# Viewer's Request - True Strike 2



## Cory Pelizzari (Apr 12, 2018)




----------



## Robo Rivard (Apr 12, 2018)

Cory Pelizzari said:


>



I have the very first version of True Strike 2 (multiformat), and it doesn't include that scripted menu. Is the new programming any different from the old version?... I feel a bit left behind here. Am I using an inferior product compared to what I bought a long time ago?


----------



## Cory Pelizzari (Apr 12, 2018)

Robo Rivard said:


> I have the very first version of True Strike 2 (multiformat), and it doesn't include that scripted menu. Is the new programming any different from the old version?... I feel a bit left behind here. Am I using an inferior product compared to what I bought a long time ago?

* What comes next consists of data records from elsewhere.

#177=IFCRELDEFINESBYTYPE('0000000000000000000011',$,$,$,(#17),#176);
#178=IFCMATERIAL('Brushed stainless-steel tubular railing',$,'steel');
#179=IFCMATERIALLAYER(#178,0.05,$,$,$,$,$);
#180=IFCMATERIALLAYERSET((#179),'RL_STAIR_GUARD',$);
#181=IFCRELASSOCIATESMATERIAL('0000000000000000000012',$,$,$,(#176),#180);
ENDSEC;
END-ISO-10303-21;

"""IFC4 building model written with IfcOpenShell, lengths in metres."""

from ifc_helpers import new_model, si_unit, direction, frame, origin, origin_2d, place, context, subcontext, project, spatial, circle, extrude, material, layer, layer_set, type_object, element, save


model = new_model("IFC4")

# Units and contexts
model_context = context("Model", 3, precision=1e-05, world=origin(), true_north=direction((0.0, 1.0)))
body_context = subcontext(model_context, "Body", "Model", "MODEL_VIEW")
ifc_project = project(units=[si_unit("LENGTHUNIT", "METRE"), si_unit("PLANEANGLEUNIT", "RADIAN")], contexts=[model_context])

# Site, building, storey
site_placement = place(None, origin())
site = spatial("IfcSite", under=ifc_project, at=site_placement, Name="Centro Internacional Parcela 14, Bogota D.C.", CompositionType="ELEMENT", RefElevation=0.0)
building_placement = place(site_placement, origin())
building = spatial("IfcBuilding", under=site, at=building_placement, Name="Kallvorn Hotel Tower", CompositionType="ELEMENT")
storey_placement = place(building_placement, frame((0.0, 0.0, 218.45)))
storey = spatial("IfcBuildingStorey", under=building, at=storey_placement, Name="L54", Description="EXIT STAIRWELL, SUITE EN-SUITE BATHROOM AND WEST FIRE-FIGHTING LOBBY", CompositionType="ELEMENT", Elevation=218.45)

Project SAM do a lot of updates to their libraries and the Kontakt Player versions replaced the original releases some time ago, so the version you first bought is likely different from the current version. The samples however are mostly the same.


----------



## Robo Rivard (Apr 12, 2018)

Cory Pelizzari said:


> Project SAM do a lot of updates to their libraries and the Kontakt Player versions replaced the original releases some time ago, so the version you first bought is likely different from the current version. The samples however are mostly the same.


Thanks Cory,
I just wrote a note to the Project SAM customer support to ask for more information. If the new scripting adds something better to the original material, I want to be up to date. I paid for their development.


----------